Joko menjelaskan, kalau diperhatikan volume kerja dan keterampilan yang dibutuhkan tak beda dengan apa yang dikerjakan Ida dan kaum ibu lainnya. Kaum ibu di sana tidak pernah mempertanyakan perbedaan itu. Mereka lebih bersikap 'nrimo dengan hal tersebut.
Angka produksi raket dan shuttlecock di sana tak pernah didata dengan pasti. Sebagai pembanding mungkin bisa digunakan permintaan pasar untuk shuttlecock yang diterima salah seorang juragan, Suraji, (47). Dalam sebulannya ia mengerjakan pesanan 1.000 slop atau 12.000 buah shuttlecock dengan harga Rp33.000/slop. Itu senilai Rp33 juta.
Belum lagi juragan lainnya yang ada di kelurahan Bale Arjo Sari. Itu hanya shuttlecock, belum termasuk raket. Data resmi tidak diperoleh. Berapa besar perputaran uang di sana perbulannya?

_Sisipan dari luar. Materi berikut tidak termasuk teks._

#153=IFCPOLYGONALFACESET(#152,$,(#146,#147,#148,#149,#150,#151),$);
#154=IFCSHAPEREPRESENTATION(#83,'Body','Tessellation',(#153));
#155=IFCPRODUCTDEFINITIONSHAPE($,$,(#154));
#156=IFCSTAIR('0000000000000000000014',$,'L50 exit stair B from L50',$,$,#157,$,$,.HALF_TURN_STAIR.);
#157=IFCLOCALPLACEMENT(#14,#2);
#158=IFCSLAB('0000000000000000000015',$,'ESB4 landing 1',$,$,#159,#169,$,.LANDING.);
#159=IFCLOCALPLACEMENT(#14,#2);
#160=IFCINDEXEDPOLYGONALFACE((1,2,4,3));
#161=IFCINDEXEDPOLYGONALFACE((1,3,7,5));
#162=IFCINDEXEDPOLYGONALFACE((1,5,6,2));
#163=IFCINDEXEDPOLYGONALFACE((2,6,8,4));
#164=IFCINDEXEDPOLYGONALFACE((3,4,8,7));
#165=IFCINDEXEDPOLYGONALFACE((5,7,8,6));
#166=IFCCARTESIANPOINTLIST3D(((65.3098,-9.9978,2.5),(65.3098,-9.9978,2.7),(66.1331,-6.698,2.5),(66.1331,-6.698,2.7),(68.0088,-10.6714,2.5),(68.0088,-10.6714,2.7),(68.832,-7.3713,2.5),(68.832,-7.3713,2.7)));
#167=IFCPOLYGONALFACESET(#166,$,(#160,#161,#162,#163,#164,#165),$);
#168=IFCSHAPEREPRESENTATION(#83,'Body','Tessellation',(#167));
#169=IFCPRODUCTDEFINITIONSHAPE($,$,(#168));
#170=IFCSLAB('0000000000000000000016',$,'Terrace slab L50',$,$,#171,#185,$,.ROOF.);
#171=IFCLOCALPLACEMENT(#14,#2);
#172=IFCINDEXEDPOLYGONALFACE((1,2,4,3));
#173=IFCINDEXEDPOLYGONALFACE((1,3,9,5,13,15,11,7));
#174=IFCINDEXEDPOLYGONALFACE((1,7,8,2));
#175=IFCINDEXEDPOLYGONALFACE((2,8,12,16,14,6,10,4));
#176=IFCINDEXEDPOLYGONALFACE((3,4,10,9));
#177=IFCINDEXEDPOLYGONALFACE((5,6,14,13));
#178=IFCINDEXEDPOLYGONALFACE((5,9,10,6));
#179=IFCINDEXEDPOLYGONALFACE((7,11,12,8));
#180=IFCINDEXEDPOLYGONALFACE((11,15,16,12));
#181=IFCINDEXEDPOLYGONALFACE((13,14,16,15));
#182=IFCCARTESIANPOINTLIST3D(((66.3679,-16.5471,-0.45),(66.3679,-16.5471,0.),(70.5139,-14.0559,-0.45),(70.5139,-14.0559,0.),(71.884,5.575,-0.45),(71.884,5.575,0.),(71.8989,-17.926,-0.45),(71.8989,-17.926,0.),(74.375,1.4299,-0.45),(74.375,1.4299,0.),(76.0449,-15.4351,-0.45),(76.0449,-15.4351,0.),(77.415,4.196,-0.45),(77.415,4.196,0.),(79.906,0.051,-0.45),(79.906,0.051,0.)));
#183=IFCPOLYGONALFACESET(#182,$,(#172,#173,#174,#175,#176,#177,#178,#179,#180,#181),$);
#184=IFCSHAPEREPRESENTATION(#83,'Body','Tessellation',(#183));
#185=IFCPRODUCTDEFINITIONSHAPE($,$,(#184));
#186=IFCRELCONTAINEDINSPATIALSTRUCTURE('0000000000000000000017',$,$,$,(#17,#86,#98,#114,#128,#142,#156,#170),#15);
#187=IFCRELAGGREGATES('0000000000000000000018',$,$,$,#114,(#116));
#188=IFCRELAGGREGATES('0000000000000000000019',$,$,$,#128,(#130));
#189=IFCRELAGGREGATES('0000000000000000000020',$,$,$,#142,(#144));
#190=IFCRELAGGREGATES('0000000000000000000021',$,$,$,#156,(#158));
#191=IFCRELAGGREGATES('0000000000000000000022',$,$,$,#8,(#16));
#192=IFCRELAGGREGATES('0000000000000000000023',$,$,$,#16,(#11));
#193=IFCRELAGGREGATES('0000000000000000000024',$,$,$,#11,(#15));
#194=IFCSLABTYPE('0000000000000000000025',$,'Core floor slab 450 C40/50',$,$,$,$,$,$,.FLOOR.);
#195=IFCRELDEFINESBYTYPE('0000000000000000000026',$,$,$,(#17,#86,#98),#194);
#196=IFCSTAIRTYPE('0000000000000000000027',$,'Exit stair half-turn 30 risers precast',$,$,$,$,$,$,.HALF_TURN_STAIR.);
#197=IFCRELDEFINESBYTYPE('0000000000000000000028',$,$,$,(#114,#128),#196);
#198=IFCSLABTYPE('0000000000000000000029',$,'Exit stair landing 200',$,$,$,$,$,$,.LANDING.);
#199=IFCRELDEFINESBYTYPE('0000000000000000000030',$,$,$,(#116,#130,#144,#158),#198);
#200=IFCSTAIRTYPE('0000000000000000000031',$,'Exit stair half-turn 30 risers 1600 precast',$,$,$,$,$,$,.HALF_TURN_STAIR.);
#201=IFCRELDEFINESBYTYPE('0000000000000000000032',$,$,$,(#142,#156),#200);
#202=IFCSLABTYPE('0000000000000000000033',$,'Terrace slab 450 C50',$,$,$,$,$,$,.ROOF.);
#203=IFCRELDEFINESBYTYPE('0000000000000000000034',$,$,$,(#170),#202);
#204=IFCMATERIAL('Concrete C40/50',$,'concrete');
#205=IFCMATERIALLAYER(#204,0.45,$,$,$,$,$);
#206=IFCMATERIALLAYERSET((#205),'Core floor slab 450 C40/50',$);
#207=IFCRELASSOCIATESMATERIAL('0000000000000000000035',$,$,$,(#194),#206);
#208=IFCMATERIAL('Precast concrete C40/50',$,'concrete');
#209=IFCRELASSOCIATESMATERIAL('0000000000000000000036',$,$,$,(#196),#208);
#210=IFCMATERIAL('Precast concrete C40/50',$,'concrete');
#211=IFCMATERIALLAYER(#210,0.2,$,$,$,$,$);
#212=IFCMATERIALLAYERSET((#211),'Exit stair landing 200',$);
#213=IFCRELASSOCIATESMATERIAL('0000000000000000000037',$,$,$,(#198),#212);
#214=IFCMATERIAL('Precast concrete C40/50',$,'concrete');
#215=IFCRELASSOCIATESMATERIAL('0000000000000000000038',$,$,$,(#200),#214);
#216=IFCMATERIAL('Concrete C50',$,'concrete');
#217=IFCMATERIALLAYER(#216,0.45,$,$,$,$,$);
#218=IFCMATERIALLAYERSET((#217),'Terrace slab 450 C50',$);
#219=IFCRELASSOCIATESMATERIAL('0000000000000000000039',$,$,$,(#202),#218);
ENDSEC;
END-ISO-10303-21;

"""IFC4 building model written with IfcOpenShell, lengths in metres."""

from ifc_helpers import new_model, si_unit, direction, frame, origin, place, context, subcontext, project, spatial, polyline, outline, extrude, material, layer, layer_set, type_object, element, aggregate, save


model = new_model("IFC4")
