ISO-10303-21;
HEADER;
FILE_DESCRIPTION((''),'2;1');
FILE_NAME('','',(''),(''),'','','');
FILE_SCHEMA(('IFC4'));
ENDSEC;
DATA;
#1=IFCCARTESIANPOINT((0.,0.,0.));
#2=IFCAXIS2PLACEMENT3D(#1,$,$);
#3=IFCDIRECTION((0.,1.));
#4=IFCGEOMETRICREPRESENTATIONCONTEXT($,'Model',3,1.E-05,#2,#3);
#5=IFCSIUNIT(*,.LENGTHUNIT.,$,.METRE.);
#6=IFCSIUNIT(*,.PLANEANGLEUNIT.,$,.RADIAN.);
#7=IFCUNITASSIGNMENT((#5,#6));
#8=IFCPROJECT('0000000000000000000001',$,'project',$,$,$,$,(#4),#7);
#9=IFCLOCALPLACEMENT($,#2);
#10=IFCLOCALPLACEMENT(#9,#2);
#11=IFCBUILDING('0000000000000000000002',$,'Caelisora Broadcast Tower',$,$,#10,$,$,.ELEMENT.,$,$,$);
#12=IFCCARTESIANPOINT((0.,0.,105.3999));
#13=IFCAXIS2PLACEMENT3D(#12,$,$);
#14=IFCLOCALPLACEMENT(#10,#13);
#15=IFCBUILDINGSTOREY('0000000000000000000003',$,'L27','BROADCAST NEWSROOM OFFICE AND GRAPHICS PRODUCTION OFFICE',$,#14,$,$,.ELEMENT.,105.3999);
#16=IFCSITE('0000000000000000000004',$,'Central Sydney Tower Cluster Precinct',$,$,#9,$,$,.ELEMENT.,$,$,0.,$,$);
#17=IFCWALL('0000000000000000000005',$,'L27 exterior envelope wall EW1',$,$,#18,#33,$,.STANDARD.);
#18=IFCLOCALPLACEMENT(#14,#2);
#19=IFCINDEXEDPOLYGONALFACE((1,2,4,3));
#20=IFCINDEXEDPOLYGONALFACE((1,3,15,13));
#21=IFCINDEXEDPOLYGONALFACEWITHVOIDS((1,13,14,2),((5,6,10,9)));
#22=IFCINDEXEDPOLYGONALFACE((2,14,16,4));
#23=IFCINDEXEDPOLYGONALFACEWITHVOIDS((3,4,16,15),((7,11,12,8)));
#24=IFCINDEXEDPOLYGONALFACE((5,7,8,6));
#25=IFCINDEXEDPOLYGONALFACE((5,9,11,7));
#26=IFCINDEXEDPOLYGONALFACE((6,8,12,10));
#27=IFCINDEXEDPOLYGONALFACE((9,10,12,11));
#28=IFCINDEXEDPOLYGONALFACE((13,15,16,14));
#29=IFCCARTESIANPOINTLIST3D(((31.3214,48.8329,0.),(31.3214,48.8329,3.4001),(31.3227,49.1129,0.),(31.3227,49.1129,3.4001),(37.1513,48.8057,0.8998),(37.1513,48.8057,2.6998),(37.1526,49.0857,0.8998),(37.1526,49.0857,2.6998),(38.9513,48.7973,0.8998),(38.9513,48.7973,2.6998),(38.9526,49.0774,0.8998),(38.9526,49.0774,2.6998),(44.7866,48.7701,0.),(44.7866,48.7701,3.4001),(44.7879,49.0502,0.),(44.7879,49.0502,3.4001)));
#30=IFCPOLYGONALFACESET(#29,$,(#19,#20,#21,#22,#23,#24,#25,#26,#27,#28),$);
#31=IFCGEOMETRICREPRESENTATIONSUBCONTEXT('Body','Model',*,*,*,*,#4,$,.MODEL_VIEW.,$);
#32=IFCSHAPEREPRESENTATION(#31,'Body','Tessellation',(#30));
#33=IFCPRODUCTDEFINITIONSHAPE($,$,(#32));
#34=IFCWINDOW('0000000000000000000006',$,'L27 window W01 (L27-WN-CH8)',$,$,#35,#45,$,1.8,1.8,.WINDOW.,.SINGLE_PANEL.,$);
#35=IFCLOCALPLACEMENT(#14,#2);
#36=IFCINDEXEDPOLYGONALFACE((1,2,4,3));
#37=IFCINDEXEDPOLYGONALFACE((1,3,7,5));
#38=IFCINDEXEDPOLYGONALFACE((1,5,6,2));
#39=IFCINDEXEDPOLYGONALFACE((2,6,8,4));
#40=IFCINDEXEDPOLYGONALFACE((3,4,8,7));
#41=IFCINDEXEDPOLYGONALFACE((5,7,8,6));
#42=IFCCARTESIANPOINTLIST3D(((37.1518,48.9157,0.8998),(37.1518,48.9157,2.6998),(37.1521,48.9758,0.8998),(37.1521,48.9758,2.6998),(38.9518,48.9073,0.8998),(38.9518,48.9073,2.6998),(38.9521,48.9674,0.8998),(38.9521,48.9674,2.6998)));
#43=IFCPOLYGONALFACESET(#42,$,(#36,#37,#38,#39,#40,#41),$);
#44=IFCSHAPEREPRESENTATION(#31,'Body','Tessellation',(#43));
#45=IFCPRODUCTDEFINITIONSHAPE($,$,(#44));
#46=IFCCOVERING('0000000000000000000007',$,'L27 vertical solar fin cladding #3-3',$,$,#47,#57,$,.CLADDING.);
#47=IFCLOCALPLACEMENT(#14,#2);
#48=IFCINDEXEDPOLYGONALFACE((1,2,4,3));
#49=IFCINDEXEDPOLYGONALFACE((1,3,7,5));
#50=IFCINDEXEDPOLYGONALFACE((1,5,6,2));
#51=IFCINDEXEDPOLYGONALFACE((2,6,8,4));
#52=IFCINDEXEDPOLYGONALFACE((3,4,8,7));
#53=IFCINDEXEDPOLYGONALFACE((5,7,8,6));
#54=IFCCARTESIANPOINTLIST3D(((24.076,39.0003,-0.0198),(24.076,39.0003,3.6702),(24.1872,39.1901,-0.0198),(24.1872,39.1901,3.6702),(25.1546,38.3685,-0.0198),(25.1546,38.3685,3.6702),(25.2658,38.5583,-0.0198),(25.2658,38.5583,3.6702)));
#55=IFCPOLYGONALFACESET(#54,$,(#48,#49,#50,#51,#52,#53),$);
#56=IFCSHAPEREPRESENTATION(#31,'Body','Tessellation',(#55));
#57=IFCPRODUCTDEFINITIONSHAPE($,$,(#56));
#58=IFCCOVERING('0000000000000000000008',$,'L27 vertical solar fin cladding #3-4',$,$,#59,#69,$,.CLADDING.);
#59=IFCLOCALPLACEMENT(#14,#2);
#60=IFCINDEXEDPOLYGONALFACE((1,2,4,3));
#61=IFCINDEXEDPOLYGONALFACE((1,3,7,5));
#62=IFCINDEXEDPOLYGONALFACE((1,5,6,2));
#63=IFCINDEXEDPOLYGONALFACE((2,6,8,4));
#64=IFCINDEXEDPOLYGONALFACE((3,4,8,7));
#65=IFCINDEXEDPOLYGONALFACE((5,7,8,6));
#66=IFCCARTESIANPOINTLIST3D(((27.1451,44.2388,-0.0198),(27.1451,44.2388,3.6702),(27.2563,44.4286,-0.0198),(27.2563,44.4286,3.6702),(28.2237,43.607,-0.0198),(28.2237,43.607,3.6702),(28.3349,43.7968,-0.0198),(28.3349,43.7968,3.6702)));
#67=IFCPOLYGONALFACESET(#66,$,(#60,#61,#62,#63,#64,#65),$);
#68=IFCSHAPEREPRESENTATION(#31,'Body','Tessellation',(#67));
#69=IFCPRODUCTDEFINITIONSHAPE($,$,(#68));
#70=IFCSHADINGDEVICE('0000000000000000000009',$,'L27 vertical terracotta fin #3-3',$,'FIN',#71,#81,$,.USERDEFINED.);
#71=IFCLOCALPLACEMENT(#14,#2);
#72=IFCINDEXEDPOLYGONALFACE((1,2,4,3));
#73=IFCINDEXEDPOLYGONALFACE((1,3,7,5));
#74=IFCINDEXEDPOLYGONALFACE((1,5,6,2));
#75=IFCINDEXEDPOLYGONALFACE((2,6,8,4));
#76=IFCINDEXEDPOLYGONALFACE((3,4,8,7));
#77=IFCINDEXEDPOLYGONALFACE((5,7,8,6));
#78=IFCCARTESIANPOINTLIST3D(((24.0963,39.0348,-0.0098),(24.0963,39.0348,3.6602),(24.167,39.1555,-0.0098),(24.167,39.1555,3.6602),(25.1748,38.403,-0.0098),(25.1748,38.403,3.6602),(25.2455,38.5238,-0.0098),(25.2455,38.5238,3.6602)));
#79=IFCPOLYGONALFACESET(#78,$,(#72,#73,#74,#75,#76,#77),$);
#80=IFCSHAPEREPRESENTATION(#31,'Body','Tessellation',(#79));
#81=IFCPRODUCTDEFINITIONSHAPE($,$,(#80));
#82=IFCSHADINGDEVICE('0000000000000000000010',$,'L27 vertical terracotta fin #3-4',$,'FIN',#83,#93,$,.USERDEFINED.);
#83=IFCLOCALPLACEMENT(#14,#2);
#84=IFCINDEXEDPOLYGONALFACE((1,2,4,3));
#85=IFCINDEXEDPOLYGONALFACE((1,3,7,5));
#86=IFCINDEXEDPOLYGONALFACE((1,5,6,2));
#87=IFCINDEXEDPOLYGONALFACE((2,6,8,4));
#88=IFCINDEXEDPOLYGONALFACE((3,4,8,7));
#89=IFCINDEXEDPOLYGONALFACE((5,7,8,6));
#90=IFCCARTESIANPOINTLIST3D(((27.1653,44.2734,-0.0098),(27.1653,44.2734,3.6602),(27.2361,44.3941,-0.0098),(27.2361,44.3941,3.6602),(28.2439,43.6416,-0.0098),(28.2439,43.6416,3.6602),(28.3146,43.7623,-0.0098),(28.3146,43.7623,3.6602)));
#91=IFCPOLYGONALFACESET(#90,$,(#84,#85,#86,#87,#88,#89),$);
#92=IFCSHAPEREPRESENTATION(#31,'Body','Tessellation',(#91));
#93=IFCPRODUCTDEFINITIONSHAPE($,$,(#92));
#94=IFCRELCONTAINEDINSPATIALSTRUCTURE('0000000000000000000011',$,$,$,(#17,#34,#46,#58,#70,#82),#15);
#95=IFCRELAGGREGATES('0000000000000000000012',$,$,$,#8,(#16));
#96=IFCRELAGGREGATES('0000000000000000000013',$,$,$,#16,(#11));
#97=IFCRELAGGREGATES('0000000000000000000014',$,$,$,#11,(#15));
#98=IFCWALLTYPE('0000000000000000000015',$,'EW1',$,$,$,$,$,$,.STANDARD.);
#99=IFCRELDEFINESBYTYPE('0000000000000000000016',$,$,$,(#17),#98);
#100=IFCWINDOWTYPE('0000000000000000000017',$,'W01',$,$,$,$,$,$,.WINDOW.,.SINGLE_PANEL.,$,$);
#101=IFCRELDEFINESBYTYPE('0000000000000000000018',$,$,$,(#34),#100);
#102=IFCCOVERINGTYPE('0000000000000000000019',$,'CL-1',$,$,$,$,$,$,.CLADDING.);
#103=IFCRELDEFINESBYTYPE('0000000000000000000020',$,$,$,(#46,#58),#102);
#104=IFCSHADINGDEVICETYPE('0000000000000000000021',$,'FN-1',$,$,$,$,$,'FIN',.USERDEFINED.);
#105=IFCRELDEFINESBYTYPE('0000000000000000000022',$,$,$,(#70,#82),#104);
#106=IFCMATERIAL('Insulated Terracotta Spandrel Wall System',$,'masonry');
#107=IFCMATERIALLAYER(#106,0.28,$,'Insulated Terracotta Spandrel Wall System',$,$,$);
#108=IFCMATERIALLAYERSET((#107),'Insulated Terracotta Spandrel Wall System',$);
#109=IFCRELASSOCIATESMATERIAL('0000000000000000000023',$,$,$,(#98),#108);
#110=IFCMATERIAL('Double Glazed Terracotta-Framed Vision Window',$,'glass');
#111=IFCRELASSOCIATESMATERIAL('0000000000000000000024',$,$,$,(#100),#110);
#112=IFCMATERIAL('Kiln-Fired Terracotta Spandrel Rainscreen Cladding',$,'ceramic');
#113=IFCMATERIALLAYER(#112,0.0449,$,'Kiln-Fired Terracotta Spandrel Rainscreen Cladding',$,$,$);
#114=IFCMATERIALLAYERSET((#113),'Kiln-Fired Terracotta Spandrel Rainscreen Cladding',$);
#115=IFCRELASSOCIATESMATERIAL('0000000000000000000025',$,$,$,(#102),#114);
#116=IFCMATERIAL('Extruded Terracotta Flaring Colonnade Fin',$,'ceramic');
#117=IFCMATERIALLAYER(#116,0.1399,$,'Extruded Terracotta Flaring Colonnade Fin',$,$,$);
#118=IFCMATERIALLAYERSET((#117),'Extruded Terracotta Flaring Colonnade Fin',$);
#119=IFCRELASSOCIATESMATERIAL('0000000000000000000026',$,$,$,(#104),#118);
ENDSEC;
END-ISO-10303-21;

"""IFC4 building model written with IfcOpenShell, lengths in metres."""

from ifc_helpers import new_model, si_unit, direction, frame, frame_2d, origin, origin_2d, place, context, subcontext, project, spatial, rectangle, extrude, source, transform, mapped, material, layer, layer_set, type_object, type_shapes, element, fill, save


model = new_model("IFC4")

# Units and contexts
model_context = context("Model", 3, precision=1e-05, world=origin(), true_north=direction((0.0, 1.0)))
body_context = subcontext(model_context, "Body", "Model", "MODEL_VIEW")
ifc_project = project(units=[si_unit("LENGTHUNIT", "METRE"), si_unit("PLANEANGLEUNIT", "RADIAN")], contexts=[model_context])

# Site, building, storey
site_placement = place(None, origin())
site = spatial("IfcSite", under=ifc_project, at=site_placement, Name="Central Sydney Tower Cluster Precinct", CompositionType="ELEMENT", RefElevation=0.0)
building_placement = place(site_placement, origin())
building = spatial("IfcBuilding", under=site, at=building_placement, Name="Caelisora Broadcast Tower", CompositionType="ELEMENT")
storey_placement = place(building_placement, frame((0.0, 0.0, 105.3999)))
storey = spatial("IfcBuildingStorey", under=building, at=storey_placement, Name="L27", Description="BROADCAST NEWSROOM OFFICE AND GRAPHICS PRODUCTION OFFICE", CompositionType="ELEMENT", Elevation=105.3999)

# Wall, opening, window
ifc_material_1 = material(Name="Insulated Terracotta Spandrel Wall System", Category="masonry")
ifc_layer_1 = layer(ifc_material_1, 0.28, Name="Insulated Terracotta Spandrel Wall System")
ifc_layer_set_1 = layer_set([ifc_layer_1], Name="Insulated Terracotta Spandrel Wall System")
wall_type = type_object("IfcWallType", Name="EW1", PredefinedType="STANDARD", material=ifc_layer_set_1)
wall_placement = place(storey_placement, frame((31.322, 48.9729, 0.0), z_axis=(0.0, 0.0, 1.0), x_axis=(0.999989, -0.00466, 0.0)))
wall = element("IfcWall", 1, at=wall_placement, inside=storey, type_object=wall_type, Name="L27 exterior envelope wall EW1", PredefinedType="STANDARD", context=body_context, shape_type="SweptSolid", body=[
    extrude(rectangle(XDim=13.4653, YDim=0.28, at=frame_2d((6.7327, 0.0))), origin(), (0.0, 0.0, 1.0), 3.4001),
])
opening_placement = place(wall_placement, frame((5.8301, 0.0, 0.8999)))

Namun, yang jelas kaum ibulah yang menjadi ujung tombak dalam pengerjaannya. Nasib pekerja rumahan industri raket dan shuttlecock seperti juga prestasi pebulutangkis kita akhir-akhir ini, tak ada perkembangan berarti.
Tapi dari tangan-tangan kaum ibu inilah lahir raket dan shuttlecock yang akan digunakan oleh anak-anak calon penerus Rudi Hartono dan Susi Susanti. Produk mereka menjadi penyambungkan generasi ke generasi lainya. Mereka layak disebut pahlawan bulutangkis, namun tanpa piala.